Три верхние номера все сквозь в одно были отворены. В одном на кроватях одежду склали, в другом, крайнем, закуску уставили, а в среднем -- голоса пробовать.
Прежде Павел Мироныч посредине комнаты стал и показал, что главное у них в Ельце купечество от дьяконов любит. Голос у него, я вам говорил, престрашный, даже как будто по лицу бьет и в окнах на стеклах трещит.
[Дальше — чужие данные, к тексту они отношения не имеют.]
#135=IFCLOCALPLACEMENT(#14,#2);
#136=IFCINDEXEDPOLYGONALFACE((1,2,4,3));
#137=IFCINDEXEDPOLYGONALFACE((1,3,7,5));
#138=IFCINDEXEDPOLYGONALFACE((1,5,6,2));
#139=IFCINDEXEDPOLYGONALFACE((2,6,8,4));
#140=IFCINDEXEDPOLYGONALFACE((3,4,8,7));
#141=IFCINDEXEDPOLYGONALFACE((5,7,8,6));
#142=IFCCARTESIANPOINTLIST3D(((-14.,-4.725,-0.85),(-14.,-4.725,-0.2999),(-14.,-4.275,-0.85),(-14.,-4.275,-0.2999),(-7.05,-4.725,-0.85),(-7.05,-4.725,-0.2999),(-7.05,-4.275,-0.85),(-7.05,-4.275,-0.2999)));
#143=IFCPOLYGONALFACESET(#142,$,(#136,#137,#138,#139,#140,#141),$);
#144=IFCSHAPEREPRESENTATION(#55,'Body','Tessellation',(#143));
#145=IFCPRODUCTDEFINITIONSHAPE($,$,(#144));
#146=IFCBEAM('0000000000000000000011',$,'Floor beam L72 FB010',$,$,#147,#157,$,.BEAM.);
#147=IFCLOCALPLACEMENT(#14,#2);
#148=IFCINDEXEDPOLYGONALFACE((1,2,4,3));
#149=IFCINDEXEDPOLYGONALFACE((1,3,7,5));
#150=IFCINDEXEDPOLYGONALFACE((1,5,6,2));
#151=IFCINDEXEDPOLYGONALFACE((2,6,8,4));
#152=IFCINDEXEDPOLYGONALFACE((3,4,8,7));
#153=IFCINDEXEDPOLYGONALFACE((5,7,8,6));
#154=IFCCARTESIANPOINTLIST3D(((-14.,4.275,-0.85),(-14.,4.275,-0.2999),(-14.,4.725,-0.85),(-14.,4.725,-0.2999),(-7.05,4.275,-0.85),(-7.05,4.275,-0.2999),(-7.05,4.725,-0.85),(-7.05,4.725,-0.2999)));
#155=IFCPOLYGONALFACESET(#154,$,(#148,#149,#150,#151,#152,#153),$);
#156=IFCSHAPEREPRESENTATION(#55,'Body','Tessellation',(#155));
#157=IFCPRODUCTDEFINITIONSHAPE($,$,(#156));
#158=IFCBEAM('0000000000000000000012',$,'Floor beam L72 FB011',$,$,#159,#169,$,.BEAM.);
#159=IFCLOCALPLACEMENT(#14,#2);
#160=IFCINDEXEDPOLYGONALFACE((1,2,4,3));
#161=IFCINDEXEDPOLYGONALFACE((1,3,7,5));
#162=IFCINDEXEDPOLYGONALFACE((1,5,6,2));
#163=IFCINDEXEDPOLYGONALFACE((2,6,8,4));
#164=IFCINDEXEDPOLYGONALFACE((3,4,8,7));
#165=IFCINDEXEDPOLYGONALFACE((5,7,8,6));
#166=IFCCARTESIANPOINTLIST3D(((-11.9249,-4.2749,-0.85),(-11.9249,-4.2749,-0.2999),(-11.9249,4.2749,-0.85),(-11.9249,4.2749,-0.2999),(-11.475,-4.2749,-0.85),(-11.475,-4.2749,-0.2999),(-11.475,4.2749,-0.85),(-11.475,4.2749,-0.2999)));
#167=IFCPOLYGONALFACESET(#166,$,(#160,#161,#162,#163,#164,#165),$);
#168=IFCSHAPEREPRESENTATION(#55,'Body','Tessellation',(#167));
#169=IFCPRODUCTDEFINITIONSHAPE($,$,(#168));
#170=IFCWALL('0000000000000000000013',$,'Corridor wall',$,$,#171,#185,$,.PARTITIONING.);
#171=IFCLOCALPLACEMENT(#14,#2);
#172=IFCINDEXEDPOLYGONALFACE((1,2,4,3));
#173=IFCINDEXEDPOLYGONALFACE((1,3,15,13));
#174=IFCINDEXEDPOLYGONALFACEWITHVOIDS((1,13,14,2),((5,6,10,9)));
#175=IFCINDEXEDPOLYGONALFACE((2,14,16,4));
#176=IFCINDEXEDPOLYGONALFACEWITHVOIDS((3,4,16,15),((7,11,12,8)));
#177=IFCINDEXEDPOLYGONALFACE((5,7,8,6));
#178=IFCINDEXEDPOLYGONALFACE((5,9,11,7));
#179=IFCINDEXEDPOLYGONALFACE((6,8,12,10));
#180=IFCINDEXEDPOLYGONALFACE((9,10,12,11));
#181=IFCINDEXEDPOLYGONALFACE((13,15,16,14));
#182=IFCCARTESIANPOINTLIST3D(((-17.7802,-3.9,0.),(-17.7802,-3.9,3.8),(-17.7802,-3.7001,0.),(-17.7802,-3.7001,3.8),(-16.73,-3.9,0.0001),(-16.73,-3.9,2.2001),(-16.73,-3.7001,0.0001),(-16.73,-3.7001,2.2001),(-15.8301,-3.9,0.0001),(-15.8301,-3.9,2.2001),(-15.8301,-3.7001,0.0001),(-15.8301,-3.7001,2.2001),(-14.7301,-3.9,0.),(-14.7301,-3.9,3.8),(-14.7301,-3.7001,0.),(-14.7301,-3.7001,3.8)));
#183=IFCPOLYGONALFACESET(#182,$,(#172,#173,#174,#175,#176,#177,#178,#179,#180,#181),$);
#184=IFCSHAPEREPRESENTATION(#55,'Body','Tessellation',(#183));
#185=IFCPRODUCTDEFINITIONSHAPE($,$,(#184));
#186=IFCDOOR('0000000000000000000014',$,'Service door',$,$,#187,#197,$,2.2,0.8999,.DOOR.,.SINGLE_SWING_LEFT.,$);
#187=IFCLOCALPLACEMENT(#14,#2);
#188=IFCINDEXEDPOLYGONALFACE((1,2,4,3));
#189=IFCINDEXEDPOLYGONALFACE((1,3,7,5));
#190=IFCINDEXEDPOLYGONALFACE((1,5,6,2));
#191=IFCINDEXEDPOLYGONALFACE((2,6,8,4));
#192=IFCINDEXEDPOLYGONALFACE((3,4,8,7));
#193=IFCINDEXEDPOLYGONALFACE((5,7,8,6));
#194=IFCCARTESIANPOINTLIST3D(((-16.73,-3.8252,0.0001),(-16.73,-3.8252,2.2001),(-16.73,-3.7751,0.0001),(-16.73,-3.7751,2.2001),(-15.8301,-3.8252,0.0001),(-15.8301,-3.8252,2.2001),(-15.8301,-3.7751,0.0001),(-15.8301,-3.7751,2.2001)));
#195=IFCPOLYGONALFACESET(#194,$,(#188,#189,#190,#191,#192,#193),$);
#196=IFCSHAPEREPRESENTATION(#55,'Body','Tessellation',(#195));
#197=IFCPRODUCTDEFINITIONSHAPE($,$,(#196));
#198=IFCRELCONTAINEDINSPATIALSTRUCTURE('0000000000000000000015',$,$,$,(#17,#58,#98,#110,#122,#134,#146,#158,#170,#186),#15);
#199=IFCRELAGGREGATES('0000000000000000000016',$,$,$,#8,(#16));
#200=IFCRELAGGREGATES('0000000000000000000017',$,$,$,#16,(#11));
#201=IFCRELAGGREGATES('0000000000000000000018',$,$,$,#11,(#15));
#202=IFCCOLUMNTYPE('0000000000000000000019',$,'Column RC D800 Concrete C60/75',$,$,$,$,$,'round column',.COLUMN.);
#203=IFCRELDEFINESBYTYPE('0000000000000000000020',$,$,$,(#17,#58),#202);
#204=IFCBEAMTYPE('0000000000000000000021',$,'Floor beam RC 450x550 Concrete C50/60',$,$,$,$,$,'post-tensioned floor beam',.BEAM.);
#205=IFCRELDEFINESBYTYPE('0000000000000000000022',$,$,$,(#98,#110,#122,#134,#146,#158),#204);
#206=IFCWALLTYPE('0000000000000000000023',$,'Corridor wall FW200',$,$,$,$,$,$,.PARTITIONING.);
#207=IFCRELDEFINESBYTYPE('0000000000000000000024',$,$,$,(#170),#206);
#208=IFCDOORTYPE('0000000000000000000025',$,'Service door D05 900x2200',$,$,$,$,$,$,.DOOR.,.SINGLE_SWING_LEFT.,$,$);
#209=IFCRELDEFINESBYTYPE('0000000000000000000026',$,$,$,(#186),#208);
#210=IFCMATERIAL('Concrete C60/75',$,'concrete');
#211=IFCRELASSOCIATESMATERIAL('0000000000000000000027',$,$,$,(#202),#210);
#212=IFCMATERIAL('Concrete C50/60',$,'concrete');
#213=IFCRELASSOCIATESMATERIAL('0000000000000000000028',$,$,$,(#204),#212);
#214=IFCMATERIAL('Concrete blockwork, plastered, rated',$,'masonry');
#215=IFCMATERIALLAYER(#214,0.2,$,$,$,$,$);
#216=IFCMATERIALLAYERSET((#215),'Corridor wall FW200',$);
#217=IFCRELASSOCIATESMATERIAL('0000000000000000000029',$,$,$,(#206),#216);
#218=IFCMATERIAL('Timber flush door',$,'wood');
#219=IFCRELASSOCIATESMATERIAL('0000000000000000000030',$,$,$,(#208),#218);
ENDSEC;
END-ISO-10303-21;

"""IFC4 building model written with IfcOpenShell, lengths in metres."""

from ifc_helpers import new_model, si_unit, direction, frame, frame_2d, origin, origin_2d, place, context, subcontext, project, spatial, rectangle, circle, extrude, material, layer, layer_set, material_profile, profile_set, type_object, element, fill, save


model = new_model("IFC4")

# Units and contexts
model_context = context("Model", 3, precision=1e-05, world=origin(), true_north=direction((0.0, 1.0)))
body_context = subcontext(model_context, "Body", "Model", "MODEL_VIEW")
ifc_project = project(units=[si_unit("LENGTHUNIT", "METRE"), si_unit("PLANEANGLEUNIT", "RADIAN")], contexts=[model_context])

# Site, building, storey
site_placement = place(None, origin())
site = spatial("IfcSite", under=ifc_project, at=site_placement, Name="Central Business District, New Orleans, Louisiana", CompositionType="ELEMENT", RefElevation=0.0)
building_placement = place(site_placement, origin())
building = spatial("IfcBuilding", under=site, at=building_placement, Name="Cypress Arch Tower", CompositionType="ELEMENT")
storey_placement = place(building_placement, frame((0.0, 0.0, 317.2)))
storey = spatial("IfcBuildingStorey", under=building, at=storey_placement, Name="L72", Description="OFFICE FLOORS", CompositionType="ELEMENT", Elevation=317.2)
Даже гостинник очнулся и говорит:
-- Вам бы самому и первым дьяконом быть.
-- Мало ли что!- отвечает Павел Мироныч,- мне, при моем капитале, и так жить можно, а я только люблю в священном служении громкость слушать.
-- Этого кто же не любит!
И сейчас после того, как Павел Мироныч прокричал, начали себя показывать дьякона: сначала один, а потом другой одно и то же самое возглашать. Богоявленский дьякон был черный и мягкий, весь как на вате стега а никитский рыжий, сухой, что есть хреновый корень, и бородка маленька смычком; а как пошли кричать, выбрать невозможно, который лучше. В одном роде у одного лучше выходит, а в другом у другого приятнее. Сначала Павел Мироныч представил, как у них в Ельце любят, чтобы издали, ворчанье раздавалось. Проворчал "Достойно есть", и потом "Прободи, владыко" и "Пожри, владыко", а потом это же самое сделали оба дьякона. У рыжего ворчок вышел лучше. В чтении Павел Мироныч с такого с низа взял, что ниже самого низкого, как будто издалека ветром наносит: "Во время онно". А потом начал выходить все выше да выше и наконец сделал, такое воскликновение, что стекла зазвенели. И дьякона вровнях с ним не отставали.
Ну, потом таким же манером и все прочее, как икатенью вести и как надо певчим в тон подводить, потом радостное многолетие и "о спасении"; потом заунывное -- "вечный покой". Сухой никитский дьякон завойкою так всем понравился, что и дядя, и Павел Мироныч начали плакать и его целовать и еще упрашивать, нельзя ли развести от всего своего естества еще поужаснее.